Portrait de Chloé, prof de norvégien à Bø i Vesterålen

Par Thomas Bassetto
Publié le 12 avril 2025
Chloé
Chloé

Chloé, la trentaine, a débarqué en Norvège un peu par hasard, portée par les flots et les aléas de la vie. Elle a trouvé sa place dans un petit village du nord, Bø i Vesterålen, après un itinéraire semé de bénévolats, de petits boulots et d'une adaptation singulière. Aujourd'hui professeure de norvégien pour réfugiés, elle nous partage son histoire insolite.

Quand et pourquoi es-tu arrivée en Norvège ?

Je suis arrivée en octobre 2020. J'habitais en Écosse, sur une toute petite île – vraiment minuscule – mais je venais de perdre mon boulot à cause du Covid.
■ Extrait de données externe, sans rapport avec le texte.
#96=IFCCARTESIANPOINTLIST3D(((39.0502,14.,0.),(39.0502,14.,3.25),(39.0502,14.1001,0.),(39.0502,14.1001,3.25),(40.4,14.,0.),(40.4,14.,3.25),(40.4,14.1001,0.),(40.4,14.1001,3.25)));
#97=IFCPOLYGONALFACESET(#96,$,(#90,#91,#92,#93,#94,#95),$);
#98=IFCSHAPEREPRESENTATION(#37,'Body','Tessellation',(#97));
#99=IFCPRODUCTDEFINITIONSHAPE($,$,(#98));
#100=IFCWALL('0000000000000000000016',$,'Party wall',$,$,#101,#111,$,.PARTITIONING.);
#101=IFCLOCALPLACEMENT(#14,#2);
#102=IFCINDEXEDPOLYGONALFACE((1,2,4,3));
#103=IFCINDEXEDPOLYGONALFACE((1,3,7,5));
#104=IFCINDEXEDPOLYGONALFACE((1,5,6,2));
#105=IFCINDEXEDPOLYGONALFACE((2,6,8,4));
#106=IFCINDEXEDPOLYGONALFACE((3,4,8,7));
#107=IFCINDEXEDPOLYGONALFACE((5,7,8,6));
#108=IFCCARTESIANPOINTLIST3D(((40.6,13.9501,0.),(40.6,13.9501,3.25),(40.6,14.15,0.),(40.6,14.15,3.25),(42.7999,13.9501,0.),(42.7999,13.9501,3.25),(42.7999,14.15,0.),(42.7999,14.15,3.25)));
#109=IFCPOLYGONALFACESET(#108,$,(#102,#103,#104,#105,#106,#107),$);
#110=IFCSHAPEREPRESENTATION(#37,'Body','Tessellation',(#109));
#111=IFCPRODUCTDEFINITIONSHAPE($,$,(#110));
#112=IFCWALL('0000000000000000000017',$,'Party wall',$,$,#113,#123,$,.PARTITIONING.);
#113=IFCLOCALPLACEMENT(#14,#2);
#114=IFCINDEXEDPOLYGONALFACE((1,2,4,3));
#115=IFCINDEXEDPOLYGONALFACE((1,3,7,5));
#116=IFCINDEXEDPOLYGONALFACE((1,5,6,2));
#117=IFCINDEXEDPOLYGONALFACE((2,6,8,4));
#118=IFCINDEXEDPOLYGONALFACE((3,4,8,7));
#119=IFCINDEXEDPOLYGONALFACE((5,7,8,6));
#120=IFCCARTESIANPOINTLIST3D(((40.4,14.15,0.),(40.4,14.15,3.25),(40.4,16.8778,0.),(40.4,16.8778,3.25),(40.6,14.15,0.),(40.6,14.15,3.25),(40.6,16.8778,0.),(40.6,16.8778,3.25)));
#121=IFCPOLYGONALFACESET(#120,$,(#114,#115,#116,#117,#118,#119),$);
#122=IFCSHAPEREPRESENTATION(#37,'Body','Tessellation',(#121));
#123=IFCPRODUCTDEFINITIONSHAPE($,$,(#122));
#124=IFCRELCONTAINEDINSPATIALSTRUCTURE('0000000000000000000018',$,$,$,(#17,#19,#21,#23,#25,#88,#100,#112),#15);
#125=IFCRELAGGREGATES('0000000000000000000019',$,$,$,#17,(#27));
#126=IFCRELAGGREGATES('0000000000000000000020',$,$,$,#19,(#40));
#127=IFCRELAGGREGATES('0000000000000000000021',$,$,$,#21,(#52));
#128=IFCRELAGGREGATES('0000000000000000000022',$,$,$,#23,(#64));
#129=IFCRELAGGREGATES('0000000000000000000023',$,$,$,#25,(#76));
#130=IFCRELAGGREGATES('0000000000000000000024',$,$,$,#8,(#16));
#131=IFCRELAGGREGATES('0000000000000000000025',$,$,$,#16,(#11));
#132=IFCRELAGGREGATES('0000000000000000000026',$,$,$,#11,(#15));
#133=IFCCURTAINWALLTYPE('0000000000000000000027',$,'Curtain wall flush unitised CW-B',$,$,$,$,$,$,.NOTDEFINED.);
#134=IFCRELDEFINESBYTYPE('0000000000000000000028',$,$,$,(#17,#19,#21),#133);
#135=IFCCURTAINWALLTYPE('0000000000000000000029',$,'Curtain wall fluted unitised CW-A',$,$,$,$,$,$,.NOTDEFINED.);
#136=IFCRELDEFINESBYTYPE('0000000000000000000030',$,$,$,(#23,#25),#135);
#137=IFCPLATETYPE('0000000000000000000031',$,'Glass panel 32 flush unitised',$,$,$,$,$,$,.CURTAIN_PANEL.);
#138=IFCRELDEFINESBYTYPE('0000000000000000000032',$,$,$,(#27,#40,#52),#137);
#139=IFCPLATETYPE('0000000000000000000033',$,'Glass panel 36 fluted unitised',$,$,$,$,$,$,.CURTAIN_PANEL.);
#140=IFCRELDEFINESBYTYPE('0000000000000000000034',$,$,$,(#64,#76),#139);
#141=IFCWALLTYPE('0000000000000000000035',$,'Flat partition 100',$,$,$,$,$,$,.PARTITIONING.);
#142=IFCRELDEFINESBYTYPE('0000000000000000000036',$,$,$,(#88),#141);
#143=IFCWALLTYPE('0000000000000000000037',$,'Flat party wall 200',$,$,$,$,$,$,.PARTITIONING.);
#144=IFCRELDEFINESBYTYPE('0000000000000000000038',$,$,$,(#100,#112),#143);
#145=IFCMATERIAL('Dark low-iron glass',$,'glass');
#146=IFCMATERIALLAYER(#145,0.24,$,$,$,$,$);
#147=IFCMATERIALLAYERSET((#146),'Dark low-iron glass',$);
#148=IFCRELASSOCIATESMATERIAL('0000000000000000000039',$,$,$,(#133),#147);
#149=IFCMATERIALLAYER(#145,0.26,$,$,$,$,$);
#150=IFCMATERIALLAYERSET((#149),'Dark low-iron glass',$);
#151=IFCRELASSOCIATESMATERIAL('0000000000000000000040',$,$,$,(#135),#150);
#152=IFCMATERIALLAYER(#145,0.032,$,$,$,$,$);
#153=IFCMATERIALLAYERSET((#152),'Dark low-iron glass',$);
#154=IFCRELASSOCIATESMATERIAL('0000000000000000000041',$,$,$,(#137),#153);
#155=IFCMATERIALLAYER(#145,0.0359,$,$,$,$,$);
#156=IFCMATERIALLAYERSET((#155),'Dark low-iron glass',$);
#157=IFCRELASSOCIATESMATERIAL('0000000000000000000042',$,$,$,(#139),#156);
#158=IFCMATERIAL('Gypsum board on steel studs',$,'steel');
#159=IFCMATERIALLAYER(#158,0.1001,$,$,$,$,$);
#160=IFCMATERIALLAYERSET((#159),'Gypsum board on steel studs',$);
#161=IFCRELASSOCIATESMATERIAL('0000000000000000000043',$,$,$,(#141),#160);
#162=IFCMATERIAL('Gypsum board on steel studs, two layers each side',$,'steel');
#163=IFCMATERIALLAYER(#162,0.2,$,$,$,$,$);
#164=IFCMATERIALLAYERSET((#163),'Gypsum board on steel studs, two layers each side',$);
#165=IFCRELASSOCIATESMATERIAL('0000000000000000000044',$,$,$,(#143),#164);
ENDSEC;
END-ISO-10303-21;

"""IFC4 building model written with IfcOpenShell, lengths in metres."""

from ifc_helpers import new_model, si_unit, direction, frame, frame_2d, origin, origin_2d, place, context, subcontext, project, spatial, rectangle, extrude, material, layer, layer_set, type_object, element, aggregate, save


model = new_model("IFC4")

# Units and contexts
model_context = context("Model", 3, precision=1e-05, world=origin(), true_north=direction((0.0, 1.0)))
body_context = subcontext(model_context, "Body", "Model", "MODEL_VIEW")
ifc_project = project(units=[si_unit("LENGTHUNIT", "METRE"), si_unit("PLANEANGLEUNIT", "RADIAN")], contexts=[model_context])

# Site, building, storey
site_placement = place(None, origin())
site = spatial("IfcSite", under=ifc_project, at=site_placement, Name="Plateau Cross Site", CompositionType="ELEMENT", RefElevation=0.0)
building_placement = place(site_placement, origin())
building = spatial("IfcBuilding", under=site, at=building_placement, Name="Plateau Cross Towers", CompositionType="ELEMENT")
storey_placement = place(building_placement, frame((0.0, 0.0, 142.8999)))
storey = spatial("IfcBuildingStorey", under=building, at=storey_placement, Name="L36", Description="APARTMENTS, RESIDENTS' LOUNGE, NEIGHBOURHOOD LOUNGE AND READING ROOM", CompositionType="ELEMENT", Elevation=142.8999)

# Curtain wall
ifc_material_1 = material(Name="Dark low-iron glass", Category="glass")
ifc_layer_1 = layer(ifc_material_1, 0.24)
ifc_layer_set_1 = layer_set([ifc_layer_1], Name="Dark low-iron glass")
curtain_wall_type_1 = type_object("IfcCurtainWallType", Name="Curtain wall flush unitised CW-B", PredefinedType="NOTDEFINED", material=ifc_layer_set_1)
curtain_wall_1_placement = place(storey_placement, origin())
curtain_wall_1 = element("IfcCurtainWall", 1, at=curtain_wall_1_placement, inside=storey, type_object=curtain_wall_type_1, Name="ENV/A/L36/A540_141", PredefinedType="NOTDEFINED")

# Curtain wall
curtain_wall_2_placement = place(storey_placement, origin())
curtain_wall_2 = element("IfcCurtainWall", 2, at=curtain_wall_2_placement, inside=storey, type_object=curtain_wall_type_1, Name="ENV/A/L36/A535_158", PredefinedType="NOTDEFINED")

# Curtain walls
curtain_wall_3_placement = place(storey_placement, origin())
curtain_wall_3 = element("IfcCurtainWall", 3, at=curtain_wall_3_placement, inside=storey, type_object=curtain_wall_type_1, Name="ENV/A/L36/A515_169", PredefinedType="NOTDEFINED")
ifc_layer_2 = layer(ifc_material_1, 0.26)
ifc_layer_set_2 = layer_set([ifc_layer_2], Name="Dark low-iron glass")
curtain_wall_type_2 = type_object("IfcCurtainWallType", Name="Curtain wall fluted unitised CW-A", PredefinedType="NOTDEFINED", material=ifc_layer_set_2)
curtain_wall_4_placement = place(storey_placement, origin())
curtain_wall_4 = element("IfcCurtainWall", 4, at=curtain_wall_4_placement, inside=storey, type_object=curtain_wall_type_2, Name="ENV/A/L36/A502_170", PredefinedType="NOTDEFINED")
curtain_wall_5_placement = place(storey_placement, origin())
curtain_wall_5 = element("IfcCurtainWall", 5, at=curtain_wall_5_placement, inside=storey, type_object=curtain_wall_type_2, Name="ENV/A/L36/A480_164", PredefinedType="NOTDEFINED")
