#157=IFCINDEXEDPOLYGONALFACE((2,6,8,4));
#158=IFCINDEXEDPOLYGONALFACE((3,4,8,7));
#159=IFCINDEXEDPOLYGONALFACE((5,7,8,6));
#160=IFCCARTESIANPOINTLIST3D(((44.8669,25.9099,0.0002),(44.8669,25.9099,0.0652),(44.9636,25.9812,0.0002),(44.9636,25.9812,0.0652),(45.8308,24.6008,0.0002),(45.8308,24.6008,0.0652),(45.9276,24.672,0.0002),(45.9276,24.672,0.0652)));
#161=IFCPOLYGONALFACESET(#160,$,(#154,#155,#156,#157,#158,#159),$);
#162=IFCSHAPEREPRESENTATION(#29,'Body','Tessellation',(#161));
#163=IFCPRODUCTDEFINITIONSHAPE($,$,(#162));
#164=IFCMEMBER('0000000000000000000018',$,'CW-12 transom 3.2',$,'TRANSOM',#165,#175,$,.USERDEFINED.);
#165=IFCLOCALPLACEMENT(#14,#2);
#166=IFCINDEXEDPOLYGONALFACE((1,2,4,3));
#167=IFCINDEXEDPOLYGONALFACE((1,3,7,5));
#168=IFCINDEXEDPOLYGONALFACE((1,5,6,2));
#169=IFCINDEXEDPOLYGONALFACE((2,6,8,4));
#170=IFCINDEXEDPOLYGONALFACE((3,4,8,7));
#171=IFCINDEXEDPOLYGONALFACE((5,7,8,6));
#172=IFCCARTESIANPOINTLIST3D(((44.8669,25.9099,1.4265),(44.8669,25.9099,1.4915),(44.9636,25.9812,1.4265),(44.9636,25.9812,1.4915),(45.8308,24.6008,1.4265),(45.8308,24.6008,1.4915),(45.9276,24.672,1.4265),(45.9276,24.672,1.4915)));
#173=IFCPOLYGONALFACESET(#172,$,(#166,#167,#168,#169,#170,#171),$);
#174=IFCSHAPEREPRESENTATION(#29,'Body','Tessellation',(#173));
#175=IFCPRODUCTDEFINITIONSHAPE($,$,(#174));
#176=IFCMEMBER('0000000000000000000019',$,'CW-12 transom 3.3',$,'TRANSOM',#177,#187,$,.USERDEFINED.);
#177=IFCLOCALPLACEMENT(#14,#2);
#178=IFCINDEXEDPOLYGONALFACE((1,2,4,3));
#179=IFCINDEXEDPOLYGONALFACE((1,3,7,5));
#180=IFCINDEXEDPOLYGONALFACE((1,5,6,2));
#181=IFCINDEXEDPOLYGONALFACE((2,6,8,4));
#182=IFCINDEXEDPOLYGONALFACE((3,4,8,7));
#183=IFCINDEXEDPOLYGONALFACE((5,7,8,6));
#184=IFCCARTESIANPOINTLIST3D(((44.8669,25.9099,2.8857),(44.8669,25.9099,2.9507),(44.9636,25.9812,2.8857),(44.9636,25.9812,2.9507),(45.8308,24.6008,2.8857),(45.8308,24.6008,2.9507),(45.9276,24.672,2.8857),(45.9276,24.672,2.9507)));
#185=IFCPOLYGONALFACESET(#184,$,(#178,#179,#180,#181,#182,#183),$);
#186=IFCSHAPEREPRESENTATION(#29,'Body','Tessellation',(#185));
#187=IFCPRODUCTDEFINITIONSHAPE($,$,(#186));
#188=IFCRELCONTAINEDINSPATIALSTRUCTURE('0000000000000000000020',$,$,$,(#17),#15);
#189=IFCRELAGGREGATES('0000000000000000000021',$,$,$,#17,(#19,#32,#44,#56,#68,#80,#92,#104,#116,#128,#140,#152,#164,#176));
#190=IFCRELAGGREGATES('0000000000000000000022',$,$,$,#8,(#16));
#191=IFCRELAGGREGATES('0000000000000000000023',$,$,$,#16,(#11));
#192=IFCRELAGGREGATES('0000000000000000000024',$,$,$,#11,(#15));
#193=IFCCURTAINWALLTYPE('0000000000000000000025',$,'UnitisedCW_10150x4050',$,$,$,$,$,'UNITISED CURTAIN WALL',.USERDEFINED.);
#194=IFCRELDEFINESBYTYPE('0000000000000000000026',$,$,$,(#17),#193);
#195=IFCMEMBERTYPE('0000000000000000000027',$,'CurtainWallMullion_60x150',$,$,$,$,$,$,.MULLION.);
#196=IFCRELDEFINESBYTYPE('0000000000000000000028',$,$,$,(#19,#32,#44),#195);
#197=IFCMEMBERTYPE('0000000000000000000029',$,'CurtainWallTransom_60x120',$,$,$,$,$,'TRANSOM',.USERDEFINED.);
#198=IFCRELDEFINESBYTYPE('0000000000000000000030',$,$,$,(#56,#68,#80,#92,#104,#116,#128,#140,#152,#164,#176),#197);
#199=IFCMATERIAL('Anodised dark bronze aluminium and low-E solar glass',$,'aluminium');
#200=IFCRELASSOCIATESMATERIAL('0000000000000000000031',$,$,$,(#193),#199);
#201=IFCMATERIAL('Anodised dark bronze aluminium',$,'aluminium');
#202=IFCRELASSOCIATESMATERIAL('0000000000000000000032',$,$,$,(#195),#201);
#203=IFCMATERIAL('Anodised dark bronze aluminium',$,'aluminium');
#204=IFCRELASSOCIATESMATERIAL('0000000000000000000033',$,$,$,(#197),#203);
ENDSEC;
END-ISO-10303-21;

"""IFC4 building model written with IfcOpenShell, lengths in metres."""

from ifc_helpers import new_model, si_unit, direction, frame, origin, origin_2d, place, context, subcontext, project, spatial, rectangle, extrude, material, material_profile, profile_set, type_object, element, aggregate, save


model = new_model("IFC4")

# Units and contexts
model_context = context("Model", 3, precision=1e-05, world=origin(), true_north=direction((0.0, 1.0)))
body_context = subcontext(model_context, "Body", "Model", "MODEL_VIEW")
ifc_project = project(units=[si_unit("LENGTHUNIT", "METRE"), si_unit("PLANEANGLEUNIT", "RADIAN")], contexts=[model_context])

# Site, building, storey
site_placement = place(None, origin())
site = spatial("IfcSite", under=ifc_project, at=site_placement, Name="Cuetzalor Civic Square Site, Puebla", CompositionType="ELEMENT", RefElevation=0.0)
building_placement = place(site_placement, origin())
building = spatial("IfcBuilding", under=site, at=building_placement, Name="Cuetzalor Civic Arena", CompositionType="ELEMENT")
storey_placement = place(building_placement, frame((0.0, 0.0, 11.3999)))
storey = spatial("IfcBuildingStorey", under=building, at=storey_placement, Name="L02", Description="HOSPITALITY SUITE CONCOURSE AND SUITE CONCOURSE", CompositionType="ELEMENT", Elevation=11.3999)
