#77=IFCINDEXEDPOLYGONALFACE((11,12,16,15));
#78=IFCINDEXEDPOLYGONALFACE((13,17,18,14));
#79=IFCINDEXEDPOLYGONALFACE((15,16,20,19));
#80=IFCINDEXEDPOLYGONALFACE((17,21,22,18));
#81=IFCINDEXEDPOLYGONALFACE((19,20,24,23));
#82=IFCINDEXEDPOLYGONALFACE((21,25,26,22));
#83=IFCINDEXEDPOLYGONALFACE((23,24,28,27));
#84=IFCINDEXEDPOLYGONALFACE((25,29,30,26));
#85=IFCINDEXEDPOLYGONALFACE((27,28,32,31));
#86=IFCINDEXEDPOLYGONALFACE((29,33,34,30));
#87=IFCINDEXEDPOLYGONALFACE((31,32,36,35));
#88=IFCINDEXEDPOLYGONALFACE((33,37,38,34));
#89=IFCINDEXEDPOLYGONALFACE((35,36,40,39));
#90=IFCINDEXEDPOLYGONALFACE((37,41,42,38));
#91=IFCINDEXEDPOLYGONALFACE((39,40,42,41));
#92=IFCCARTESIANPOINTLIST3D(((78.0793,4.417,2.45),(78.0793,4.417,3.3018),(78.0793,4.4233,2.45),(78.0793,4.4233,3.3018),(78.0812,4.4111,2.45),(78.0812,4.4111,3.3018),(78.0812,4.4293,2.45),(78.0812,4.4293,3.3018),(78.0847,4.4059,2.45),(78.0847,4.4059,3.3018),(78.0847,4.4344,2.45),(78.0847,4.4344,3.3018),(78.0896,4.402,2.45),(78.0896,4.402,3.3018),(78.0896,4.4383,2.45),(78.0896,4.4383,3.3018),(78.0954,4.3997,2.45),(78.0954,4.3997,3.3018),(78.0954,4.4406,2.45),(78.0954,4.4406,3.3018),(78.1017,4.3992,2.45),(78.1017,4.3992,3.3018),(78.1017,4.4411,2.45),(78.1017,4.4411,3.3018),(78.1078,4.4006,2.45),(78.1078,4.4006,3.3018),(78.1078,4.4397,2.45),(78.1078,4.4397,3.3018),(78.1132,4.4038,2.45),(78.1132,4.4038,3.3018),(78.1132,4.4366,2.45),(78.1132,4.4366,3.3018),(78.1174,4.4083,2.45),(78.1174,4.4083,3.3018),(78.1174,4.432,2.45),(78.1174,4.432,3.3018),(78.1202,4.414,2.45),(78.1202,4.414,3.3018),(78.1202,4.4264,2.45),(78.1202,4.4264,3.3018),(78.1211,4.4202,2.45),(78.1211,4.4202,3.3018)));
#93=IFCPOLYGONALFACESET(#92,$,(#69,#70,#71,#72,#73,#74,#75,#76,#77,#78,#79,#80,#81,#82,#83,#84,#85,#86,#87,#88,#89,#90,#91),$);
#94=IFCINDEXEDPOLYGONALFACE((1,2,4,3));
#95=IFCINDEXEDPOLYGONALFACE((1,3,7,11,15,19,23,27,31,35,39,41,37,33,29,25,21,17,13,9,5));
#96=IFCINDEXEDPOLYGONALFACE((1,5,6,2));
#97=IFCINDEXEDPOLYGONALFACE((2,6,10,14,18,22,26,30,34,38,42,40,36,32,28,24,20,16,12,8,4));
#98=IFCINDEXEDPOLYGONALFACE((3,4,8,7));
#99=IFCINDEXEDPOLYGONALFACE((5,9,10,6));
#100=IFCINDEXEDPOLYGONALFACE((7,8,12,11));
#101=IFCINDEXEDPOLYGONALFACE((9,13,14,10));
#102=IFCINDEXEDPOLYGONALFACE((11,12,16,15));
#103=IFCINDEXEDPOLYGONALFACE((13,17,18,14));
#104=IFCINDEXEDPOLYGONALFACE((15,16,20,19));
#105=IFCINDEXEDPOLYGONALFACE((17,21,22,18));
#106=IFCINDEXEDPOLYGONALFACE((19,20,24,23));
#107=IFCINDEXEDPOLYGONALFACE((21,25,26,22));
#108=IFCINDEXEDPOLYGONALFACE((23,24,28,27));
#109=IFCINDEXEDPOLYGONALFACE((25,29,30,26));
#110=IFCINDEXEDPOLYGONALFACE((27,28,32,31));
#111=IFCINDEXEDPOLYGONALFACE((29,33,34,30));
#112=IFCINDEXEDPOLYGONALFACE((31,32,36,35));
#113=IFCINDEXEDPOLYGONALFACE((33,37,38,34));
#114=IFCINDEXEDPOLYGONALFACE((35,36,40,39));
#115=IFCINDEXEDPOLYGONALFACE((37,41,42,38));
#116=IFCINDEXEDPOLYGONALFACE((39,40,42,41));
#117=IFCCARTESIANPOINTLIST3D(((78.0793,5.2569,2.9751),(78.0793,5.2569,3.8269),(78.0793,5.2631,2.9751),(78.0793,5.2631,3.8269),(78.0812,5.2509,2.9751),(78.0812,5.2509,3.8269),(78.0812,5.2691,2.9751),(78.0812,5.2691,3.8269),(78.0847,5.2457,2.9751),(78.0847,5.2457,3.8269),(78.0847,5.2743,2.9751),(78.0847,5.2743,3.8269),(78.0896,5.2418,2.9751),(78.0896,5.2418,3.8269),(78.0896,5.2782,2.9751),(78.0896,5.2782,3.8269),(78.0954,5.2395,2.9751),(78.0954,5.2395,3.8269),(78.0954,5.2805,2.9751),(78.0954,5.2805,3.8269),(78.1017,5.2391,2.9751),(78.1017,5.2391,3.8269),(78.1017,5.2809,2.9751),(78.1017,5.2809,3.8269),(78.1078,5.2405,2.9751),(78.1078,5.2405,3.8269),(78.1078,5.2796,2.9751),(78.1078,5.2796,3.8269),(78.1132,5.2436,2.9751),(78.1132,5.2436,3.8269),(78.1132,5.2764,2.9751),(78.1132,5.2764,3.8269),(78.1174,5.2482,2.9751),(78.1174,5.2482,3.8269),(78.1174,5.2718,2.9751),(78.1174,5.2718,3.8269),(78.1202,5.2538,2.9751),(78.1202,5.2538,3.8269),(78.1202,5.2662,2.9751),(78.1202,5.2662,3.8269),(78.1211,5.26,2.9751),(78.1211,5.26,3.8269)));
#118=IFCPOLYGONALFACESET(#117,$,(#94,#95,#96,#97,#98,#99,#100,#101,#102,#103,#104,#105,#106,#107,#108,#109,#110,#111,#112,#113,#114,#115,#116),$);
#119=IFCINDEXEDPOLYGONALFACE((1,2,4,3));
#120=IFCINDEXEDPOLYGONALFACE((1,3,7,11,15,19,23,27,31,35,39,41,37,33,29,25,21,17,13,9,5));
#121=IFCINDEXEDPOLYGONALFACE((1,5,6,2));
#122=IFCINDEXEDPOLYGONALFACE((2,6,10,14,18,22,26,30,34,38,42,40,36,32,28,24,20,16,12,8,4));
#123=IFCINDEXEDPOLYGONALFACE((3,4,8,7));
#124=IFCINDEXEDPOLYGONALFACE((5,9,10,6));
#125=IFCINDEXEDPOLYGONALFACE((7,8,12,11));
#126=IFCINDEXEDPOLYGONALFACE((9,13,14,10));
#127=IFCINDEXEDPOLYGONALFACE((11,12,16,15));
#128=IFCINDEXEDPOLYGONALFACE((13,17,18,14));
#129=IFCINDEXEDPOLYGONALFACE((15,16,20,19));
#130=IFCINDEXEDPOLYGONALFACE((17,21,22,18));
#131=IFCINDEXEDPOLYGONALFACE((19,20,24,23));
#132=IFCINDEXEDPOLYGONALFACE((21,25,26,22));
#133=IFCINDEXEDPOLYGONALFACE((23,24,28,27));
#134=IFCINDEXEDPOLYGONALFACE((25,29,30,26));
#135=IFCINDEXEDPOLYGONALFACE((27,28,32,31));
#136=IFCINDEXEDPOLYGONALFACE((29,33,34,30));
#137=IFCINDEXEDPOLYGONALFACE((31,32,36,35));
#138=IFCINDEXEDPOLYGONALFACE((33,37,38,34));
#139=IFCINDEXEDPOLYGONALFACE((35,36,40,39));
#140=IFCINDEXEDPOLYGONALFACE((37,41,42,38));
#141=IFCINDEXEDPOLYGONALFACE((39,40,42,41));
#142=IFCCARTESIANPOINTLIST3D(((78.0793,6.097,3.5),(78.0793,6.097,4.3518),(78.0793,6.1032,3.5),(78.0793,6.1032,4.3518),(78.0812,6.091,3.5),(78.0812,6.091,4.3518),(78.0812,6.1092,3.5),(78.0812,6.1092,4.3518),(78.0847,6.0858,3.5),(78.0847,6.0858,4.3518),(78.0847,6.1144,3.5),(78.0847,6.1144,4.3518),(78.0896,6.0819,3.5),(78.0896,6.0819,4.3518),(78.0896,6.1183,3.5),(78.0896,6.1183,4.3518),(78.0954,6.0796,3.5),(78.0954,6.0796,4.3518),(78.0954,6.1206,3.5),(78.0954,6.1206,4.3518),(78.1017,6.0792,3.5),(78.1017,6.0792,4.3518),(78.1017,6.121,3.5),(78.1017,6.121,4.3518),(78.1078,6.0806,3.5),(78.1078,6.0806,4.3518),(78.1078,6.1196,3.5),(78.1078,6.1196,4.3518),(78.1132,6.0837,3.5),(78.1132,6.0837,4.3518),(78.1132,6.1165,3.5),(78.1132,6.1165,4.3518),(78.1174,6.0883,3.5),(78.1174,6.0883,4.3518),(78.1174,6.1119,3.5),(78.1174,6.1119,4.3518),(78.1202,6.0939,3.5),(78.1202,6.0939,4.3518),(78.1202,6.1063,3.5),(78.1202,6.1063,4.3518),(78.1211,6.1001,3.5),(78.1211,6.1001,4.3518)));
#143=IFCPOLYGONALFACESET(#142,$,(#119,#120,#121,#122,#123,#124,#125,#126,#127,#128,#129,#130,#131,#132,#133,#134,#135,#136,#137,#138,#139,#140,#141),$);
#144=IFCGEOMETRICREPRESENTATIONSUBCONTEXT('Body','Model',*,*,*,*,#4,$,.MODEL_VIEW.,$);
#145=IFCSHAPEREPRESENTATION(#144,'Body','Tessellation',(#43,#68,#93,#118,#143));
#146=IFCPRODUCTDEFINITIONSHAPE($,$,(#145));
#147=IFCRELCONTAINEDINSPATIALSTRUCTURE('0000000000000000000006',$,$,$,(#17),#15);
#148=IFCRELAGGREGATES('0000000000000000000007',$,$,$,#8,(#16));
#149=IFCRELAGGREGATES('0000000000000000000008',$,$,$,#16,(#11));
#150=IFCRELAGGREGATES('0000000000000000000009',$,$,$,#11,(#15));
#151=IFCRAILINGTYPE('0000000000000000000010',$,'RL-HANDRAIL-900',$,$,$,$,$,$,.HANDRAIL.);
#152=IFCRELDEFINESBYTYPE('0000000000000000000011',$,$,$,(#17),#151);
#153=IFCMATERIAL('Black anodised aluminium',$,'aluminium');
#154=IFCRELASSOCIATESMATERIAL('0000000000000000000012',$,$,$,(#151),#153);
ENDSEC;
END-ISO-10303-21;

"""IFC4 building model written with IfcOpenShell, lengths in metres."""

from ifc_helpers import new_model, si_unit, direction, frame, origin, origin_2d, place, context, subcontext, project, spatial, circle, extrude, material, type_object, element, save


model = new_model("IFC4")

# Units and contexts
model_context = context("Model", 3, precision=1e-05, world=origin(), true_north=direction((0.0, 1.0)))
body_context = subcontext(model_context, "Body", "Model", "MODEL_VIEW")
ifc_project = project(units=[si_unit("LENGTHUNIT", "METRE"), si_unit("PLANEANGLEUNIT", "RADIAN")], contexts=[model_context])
Honnêtement, c'était un peu une période de merde... J'étais principalement pompier volontaire mais je faisais aussi du tricot. J'habitais seule, ma grand-mère venait de décéder en France sans que je puisse lui rendre visite une dernière fois… À 25 ans, je me suis retrouvée un peu paumée, sans savoir quoi faire.

Des amis, un couple de retraités, qui vivaient sur un voilier non loin de mon île avaient le projet de partir en Norvège depuis l'Écosse. N'ayant rien d'autre à faire, je leur ai demandé si je pouvais venir avec eux ! Ils ont dit oui, j'ai donc embarqué et passé quatre mois avec eux. On est arrivé à Ålesund. Honnêtement, je suis arrivée ici par dépit. Si mes amis étaient partis au Sénégal, j'habiterais au Sénégal aujourd'hui !

Qu’as-tu fais à Ålesund ?

J’ai essayé de trouver des petits boulots, je me suis acheté une machine à tricoter pour faire quelques bonnets, mais ça ne marchait pas vraiment. Il fallait que je trouve autre chose car rester plus longtemps avec un couple marié dans une coquille de noix... c'était particulier ! Du coup, j'ai trouvé un premier bénévolat via WWOOFing, du côté de Tromsø, dans un endroit appelé Balsfjord – que je recommande absolument. C'était une petite ferme équestre avec des chevaux islandais ! J'y ai passé cinq semaines. Mon « boulot » était de monter à cheval sous les aurores boréales... C'était un rêve éveillé, absolument génial. Après ça, j'ai trouvé un autre bénévolat, cette fois via Workaway, à Vesterålen.

Quel type de bénévolat ?

J'étais de nouveau sur une île minuscule, avec un phare qui faisait maison d'hôtes. J'y suis restée huit mois. Au début ça allait, mais les conditions de travail se sont dégradées de plus en plus, jusqu'à devenir insupportables. Il fallait vraiment que je parte de l'île, donc je suis allée au village le plus proche : Bø i Vesterålen. Fait amusant, ce village est connu sous le nom de « Monaco de Norvège » à cause de l'impôt sur la fortune très bas. C'est toute une saga, cet endroit, un petit paradis fiscal local ! On a eu des célébrités comme Bjørn Dæhlie qui sont venues s'y installer pour ça.

Bø vue d'une colline
Bø vue d'une colline © Chloé

Tu n'as pas eu envie de partir plus loin voir de quitter la Norvège après cette mauvaise expérience ?

J'étais un peu dépitée à ce moment-là. Ça faisait tout juste un an que j'avais quitté l'Écosse, donc je n'avais pas trop la foi ni l'envie de tout recommencer ailleurs. Et puis, malgré tout, j'aimais bien l'endroit. Vesterålen, c'est magnifique ! Du coup, j'ai trouvé un autre bénévolat un peu informel chez quelqu'un que j'avais rencontré pendant mes huit mois au phare. Je savais qu'elle avait besoin d'aide pour la saison d'hiver dans sa maison d’hôte. J'ai donc passé deux ou trois mois chez cette dame.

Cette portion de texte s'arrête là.